# Jasper Strassenfest - July 31-August 1



## Kloset BBQR (Jul 29, 2009)

We're heading out tomorrow to Jasper, Indiana for a 1st year KCBS BBQ contest called Strassenfest being held in conjunction with a large German festival.  Lots of Beer, food, and Fraulein's.  What's not to like?

So far 32 teams have signed up.  This contest has a governor's proclamation and is a state championship even so the winner gets and invite to the American Royal competition and goes in the draw for Jack Daniel's.  Here is a link to the contest:

http://www.jasperstrassenfest.org/

And the list of teams so far:

ZZ Que
Monty Pigthon & The Holy Grill
The Flying Burritos
Sonny Ja's
Kentucky Kookers
Edgar County Food & Bev.
Tri Fecta BBQ
Ribs & Bibs
Smoky River BBQ
StinkEye BBQ
Ole Man Larry's 
Pig Pak
Acme BBQ
Son Seekers
Shadetree Cooks
Quau
Hoosier Crawdaddy
Barnyard BBQ
Fowl Butt BBQ
Pig Dawg
HIckory Flats
The Ribberbest Gang
Double D's BBQ
Getta Que
Rock River BBQ
Steel Smokin BBQ
Butt Bubbers BBQ
Who Are Those Guys?
Insane Charcoal Posse
Redneck Grillers
Black Kettle Cooks
Smokin T's


Also there is a rumor that the Reverand Twyford (Ulcer Acres) will be competing and spreading the gospel of BBQ.   Should be a great event and a great time.  If anyone from the forum is in the area please stop by and say hello!

Dallas


----------



## Diva Q (Jul 30, 2009)

Best of luck and safe travels!!


----------



## Kloset BBQR (Jul 30, 2009)

Thanks Danielle.  We'll be heading out in a few.  Staying the night in Cincinnati and pull into to Jasper, late Friday morning.

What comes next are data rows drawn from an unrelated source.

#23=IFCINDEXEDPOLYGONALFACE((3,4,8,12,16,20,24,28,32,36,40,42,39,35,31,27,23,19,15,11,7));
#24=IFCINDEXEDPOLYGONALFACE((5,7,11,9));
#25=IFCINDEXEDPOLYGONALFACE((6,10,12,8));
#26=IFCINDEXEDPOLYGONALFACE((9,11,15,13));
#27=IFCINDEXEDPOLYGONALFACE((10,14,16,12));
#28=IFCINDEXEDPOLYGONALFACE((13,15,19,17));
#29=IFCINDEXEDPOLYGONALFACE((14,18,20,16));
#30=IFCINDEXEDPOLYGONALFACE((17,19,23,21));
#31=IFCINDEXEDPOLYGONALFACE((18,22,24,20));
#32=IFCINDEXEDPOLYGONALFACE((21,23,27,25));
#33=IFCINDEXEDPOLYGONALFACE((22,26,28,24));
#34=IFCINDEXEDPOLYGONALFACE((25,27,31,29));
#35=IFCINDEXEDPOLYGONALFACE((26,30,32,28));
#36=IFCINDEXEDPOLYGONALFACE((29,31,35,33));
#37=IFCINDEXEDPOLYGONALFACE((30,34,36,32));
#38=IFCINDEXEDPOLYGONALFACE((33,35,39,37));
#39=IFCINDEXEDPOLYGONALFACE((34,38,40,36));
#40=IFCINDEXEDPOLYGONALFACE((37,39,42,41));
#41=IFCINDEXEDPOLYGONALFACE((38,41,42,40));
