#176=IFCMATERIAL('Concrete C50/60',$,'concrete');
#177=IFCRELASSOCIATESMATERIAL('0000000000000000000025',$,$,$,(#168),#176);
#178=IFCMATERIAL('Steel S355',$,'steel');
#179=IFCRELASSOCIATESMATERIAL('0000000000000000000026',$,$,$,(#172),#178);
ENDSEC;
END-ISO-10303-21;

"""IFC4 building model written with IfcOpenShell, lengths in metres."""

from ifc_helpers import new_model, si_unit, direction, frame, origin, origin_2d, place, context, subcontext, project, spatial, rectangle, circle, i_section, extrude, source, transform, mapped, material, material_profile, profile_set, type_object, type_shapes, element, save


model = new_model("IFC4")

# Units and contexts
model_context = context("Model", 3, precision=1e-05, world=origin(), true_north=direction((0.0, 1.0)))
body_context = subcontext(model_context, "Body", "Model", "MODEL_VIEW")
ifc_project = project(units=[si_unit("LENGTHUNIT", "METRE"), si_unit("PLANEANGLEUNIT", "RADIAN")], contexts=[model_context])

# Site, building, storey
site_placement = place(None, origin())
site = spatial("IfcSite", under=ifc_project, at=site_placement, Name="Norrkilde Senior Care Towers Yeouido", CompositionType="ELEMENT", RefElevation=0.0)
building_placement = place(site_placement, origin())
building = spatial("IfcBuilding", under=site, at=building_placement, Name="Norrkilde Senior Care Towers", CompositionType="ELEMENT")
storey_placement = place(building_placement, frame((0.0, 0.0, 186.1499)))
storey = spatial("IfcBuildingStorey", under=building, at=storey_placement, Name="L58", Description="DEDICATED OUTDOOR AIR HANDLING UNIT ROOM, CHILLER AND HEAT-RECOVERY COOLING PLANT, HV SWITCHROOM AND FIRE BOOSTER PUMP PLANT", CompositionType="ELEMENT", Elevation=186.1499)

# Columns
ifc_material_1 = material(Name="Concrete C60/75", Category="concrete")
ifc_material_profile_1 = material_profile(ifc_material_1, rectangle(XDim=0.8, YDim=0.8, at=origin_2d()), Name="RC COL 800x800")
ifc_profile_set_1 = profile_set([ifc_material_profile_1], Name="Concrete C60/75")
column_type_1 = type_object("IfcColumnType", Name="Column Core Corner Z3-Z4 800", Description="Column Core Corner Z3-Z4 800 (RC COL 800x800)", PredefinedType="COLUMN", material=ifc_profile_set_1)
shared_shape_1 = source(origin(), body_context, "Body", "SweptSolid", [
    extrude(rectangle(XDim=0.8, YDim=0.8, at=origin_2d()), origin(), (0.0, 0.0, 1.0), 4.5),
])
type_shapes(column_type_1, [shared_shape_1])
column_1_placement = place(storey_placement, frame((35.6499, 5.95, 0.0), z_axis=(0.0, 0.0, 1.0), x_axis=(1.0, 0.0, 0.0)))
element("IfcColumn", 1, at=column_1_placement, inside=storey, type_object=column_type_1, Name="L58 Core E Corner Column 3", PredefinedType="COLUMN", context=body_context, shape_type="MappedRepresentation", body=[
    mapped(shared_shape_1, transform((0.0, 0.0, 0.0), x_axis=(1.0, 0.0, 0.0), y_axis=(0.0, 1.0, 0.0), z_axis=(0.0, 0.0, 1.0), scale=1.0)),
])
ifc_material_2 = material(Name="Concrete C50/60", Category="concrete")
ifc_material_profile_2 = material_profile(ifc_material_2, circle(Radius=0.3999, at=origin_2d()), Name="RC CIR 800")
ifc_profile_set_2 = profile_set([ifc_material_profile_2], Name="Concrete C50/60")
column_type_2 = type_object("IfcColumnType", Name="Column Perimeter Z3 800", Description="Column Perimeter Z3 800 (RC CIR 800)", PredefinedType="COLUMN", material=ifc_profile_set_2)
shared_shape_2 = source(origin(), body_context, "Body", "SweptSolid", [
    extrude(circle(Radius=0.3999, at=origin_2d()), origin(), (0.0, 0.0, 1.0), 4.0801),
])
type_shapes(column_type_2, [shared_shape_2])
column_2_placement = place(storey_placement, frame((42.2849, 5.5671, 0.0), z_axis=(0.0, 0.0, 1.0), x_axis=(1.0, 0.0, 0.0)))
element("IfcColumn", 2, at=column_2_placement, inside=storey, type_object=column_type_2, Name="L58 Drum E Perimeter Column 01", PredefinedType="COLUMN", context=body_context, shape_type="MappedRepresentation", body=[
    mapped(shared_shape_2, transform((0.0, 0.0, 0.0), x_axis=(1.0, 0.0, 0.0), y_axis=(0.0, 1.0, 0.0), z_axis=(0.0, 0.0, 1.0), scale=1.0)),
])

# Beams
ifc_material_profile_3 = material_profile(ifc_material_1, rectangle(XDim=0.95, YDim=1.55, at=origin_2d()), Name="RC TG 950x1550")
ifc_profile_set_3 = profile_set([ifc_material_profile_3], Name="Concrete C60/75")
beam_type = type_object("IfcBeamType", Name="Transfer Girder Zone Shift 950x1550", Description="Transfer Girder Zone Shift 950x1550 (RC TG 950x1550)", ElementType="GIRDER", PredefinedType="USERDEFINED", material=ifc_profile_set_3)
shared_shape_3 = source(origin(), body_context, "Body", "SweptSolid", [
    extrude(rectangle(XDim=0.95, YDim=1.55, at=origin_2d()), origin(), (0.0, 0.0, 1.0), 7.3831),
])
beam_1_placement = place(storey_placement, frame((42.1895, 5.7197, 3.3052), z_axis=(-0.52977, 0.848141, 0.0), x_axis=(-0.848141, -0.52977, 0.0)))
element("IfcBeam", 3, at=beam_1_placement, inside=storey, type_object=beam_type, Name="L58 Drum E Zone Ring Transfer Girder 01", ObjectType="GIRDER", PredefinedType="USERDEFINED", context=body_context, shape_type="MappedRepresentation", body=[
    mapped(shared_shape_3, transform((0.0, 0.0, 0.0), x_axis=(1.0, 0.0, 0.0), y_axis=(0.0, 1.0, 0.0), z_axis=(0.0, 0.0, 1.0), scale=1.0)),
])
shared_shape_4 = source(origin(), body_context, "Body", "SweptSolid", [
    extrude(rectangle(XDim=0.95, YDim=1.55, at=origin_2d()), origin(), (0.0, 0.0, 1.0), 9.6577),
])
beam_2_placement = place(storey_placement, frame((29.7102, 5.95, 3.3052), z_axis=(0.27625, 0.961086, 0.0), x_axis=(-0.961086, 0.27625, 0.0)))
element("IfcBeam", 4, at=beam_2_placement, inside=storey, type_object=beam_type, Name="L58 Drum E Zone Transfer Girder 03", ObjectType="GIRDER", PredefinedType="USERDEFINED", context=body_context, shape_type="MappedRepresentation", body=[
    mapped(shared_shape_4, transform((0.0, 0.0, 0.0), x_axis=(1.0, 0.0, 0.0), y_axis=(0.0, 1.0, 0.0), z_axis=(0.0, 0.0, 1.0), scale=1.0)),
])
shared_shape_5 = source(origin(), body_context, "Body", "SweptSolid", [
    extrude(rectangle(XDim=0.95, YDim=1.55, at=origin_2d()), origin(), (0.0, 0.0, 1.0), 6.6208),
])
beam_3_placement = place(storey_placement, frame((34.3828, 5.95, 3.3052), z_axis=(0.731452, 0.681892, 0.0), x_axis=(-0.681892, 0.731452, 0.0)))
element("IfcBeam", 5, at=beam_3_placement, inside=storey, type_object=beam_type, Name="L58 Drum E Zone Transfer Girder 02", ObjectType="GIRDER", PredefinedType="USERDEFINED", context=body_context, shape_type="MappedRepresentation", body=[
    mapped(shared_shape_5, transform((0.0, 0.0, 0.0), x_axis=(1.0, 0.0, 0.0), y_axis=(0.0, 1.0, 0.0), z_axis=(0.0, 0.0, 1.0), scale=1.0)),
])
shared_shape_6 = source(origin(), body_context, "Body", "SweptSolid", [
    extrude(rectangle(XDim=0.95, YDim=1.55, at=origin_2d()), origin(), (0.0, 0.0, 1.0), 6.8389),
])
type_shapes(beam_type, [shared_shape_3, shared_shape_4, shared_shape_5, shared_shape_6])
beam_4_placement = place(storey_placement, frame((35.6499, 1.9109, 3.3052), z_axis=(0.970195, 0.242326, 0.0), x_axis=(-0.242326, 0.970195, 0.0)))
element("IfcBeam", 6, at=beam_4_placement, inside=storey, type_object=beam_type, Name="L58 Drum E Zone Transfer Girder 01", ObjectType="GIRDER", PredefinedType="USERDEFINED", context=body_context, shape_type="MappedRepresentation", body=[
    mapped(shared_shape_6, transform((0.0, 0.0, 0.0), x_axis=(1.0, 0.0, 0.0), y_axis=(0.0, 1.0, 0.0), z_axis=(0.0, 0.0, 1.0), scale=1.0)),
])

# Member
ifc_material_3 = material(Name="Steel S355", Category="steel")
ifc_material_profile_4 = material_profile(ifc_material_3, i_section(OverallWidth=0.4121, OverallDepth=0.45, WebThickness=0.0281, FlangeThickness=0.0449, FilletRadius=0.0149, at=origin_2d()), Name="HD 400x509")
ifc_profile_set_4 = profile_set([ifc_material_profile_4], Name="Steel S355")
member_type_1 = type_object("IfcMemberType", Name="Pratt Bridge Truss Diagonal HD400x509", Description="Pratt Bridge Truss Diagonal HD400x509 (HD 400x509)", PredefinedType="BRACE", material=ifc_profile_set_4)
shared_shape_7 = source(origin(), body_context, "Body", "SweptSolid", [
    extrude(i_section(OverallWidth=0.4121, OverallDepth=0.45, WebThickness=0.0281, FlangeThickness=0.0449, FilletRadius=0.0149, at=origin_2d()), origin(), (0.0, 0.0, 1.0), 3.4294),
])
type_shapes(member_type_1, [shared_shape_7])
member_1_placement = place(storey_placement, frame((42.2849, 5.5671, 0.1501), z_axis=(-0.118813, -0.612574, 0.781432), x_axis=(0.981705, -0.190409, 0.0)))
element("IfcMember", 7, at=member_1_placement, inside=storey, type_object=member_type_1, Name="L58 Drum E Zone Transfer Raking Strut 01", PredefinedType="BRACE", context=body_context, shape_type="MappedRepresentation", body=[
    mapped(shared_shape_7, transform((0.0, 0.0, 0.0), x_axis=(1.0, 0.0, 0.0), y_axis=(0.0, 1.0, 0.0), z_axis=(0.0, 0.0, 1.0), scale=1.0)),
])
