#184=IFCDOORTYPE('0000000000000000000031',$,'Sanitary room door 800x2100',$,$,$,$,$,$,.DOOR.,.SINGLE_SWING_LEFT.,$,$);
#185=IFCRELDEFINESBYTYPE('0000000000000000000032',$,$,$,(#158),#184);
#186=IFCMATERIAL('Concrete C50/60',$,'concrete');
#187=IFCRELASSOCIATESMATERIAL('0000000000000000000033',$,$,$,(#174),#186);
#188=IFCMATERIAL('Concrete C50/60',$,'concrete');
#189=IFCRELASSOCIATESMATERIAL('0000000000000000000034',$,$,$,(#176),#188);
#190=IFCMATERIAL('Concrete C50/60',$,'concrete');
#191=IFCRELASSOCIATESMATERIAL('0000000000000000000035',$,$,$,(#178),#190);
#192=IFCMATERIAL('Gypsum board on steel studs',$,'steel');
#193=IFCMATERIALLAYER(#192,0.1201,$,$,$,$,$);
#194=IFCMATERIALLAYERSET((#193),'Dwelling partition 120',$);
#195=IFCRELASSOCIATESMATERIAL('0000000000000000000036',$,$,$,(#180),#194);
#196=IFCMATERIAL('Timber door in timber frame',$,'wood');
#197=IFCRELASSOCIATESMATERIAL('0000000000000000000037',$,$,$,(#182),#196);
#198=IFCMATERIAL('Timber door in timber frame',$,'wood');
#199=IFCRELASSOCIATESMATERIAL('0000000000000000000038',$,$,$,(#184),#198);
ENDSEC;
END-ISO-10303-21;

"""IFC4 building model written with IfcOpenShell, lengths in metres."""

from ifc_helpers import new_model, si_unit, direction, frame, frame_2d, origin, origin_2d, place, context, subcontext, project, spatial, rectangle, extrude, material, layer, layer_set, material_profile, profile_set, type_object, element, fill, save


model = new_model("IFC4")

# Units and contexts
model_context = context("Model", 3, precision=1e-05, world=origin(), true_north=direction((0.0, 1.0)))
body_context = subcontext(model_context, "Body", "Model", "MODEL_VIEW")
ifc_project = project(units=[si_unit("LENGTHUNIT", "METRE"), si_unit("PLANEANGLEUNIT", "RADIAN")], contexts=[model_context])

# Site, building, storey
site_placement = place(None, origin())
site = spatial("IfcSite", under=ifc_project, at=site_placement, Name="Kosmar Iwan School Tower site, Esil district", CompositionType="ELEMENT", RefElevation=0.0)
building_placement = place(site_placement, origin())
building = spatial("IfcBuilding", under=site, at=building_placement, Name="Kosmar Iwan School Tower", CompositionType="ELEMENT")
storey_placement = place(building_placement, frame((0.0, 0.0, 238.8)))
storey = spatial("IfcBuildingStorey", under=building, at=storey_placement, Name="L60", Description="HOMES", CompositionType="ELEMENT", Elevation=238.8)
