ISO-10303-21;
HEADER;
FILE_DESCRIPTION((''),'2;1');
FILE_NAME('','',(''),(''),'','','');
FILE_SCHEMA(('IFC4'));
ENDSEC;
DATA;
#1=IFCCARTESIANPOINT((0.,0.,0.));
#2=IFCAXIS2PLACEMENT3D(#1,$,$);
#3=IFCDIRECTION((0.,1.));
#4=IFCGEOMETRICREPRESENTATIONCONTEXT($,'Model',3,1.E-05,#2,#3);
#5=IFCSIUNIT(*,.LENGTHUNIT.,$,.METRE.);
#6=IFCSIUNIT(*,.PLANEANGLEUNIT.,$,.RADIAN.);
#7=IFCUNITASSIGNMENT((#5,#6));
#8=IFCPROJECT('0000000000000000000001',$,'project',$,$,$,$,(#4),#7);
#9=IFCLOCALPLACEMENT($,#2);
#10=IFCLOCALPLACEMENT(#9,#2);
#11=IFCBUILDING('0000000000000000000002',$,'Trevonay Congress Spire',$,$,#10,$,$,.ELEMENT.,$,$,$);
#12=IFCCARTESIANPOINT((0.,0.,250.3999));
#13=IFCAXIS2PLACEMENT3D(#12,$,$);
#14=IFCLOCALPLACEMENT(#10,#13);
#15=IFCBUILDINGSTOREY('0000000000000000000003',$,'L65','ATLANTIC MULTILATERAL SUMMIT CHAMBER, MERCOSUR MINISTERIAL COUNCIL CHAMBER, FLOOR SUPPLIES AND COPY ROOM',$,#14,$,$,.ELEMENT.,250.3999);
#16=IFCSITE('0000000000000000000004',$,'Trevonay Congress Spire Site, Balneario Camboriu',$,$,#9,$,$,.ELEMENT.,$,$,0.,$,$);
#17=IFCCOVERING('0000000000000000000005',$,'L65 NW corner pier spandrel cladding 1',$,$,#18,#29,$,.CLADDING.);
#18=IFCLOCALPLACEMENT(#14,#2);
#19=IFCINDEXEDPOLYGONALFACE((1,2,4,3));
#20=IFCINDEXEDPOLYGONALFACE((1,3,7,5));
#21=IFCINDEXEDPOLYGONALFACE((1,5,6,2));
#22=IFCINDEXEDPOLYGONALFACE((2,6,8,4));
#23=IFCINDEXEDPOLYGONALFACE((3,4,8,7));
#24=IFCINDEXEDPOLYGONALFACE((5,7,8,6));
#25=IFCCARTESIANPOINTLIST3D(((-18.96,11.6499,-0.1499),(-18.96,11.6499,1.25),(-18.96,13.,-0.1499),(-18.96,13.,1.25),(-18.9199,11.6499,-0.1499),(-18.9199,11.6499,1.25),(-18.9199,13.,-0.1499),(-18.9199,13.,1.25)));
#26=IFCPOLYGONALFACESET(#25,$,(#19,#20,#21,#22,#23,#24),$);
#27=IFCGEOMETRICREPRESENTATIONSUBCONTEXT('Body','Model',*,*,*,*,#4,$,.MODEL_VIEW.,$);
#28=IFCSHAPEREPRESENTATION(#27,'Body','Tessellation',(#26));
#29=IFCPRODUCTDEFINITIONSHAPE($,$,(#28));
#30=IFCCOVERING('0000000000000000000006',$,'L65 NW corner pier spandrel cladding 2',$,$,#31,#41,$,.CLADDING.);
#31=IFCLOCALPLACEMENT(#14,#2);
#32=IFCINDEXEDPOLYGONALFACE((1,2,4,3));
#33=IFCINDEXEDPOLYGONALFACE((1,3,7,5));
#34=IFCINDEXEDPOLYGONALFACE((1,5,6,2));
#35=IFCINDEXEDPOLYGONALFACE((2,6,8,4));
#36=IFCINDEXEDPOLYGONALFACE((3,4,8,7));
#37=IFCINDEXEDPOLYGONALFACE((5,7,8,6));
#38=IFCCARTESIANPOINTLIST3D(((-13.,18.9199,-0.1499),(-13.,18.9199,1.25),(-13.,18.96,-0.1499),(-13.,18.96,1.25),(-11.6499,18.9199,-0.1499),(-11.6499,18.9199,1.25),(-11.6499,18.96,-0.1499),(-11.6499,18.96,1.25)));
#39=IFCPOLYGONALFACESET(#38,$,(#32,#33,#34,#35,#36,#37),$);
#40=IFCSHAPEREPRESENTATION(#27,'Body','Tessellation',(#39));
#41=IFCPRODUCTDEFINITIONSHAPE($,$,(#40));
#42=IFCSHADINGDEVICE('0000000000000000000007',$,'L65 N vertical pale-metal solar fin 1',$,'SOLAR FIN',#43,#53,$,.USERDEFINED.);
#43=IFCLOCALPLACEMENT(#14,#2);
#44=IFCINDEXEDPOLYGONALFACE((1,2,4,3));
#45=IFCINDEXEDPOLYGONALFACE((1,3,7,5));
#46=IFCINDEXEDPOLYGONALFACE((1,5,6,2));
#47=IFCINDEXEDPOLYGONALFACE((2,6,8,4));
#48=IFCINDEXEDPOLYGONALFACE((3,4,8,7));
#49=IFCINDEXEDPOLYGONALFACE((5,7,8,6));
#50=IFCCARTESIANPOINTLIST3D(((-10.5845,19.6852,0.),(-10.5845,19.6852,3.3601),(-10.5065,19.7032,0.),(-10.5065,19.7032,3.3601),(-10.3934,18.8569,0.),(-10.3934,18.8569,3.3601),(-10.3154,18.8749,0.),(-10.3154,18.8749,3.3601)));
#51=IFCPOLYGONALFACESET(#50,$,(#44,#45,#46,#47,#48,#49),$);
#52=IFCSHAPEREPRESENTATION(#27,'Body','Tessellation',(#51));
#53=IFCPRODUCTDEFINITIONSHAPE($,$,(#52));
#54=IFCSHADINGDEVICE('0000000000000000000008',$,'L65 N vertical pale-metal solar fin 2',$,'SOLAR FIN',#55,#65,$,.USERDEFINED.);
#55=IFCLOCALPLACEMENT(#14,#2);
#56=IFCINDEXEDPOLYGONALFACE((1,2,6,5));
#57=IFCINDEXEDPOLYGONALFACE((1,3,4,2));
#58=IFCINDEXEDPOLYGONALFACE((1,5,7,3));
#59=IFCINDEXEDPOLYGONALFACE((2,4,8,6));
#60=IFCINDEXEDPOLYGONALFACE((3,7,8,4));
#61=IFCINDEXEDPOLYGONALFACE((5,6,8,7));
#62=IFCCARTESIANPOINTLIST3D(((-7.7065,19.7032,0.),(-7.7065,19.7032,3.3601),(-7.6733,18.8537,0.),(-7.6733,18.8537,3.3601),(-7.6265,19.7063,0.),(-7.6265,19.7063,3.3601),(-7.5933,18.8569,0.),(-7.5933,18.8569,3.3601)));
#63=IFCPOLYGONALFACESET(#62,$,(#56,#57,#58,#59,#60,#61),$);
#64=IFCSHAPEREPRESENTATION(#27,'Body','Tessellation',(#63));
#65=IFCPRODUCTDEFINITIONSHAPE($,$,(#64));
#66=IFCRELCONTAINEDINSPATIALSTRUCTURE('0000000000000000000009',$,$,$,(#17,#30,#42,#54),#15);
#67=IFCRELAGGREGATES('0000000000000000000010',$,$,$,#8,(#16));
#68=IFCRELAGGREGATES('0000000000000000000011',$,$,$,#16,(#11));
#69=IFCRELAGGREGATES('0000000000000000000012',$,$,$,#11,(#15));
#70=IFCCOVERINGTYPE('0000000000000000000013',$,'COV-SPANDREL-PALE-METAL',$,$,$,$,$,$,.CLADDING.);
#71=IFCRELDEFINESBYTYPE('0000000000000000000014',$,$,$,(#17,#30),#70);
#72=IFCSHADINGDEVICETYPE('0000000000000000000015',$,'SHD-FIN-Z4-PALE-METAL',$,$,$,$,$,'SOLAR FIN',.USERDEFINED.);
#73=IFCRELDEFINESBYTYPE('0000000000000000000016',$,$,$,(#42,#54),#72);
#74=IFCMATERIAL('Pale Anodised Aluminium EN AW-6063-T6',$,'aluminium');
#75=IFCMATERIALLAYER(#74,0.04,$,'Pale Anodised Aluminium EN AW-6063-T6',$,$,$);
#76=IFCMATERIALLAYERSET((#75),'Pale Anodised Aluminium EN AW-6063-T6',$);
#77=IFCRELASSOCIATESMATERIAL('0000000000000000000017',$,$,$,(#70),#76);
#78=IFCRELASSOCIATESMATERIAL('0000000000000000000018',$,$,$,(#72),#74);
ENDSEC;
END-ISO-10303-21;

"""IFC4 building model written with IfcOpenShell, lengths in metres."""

from ifc_helpers import new_model, si_unit, direction, frame, frame_2d, origin, origin_2d, place, context, subcontext, project, spatial, rectangle, extrude, material, layer, layer_set, type_object, element, save


model = new_model("IFC4")

# Units and contexts
model_context = context("Model", 3, precision=1e-05, world=origin(), true_north=direction((0.0, 1.0)))
body_context = subcontext(model_context, "Body", "Model", "MODEL_VIEW")
ifc_project = project(units=[si_unit("LENGTHUNIT", "METRE"), si_unit("PLANEANGLEUNIT", "RADIAN")], contexts=[model_context])

# Site, building, storey
site_placement = place(None, origin())
site = spatial("IfcSite", under=ifc_project, at=site_placement, Name="Trevonay Congress Spire Site, Balneario Camboriu", CompositionType="ELEMENT", RefElevation=0.0)
building_placement = place(site_placement, origin())
building = spatial("IfcBuilding", under=site, at=building_placement, Name="Trevonay Congress Spire", CompositionType="ELEMENT")
storey_placement = place(building_placement, frame((0.0, 0.0, 250.3999)))
storey = spatial("IfcBuildingStorey", under=building, at=storey_placement, Name="L65", Description="ATLANTIC MULTILATERAL SUMMIT CHAMBER, MERCOSUR MINISTERIAL COUNCIL CHAMBER, FLOOR SUPPLIES AND COPY ROOM", CompositionType="ELEMENT", Elevation=250.3999)

# Shared definitions
ifc_material_1 = material(Name="Pale Anodised Aluminium EN AW-6063-T6", Category="aluminium")

# Coverings
ifc_layer_1 = layer(ifc_material_1, 0.04, Name="Pale Anodised Aluminium EN AW-6063-T6")
ifc_layer_set_1 = layer_set([ifc_layer_1], Name="Pale Anodised Aluminium EN AW-6063-T6")
covering_type = type_object("IfcCoveringType", Name="COV-SPANDREL-PALE-METAL", PredefinedType="CLADDING", material=ifc_layer_set_1)
for number, where, z_axis, x_axis, name in (
    (1, (-18.9399, 11.6499, -0.1499), (0.0, 0.0, 1.0), (0.0, 1.0, 0.0), "L65 NW corner pier spandrel cladding 1"),
    (2, (-11.6499, 18.9399, -0.1499), (0.0, 0.0, 1.0), (-1.0, 0.0, 0.0), "L65 NW corner pier spandrel cladding 2"),
):
    element("IfcCovering", number, at=place(storey_placement, frame(where, z_axis=z_axis, x_axis=x_axis)), inside=storey, type_object=covering_type, Name=name, PredefinedType="CLADDING", context=body_context, shape_type="SweptSolid", body=[
        extrude(rectangle(XDim=1.3501, YDim=0.04, at=frame_2d((0.675, 0.0))), origin(), (0.0, 0.0, 1.0), 1.3999),
    ])

# Shading devices
shading_device_type = type_object("IfcShadingDeviceType", Name="SHD-FIN-Z4-PALE-METAL", ElementType="SOLAR FIN", PredefinedType="USERDEFINED", material=ifc_material_1)
for number, where, z_axis, x_axis, name in (
    (3, (-10.45, 19.28, 0.0), (0.0, 0.0, 1.0), (0.974409, 0.224781, 0.0), "L65 N vertical pale-metal solar fin 1"),
    (4, (-7.6499, 19.28, 0.0), (0.0, 0.0, 1.0), (0.999236, 0.039085, 0.0), "L65 N vertical pale-metal solar fin 2"),
):
    element("IfcShadingDevice", number, at=place(storey_placement, frame(where, z_axis=z_axis, x_axis=x_axis)), inside=storey, type_object=shading_device_type, Name=name, ObjectType="SOLAR FIN", PredefinedType="USERDEFINED", context=body_context, shape_type="SweptSolid", body=[
        extrude(rectangle(XDim=0.0801, YDim=0.8501, at=origin_2d()), origin(), (0.0, 0.0, 1.0), 3.3601),
    ])

save(model, "model.ifc")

Looking forward to some German beer sampling.  Donna's my designated driver on this trip!


----------



## DaleP (Jul 30, 2009)

Hey Dallas, we will see you after judging. I wanted to cook but others on our team decided to judge for the first time so we can see what Dallas turns in. Hahaha. 
Where can you buy pink suspenders?


----------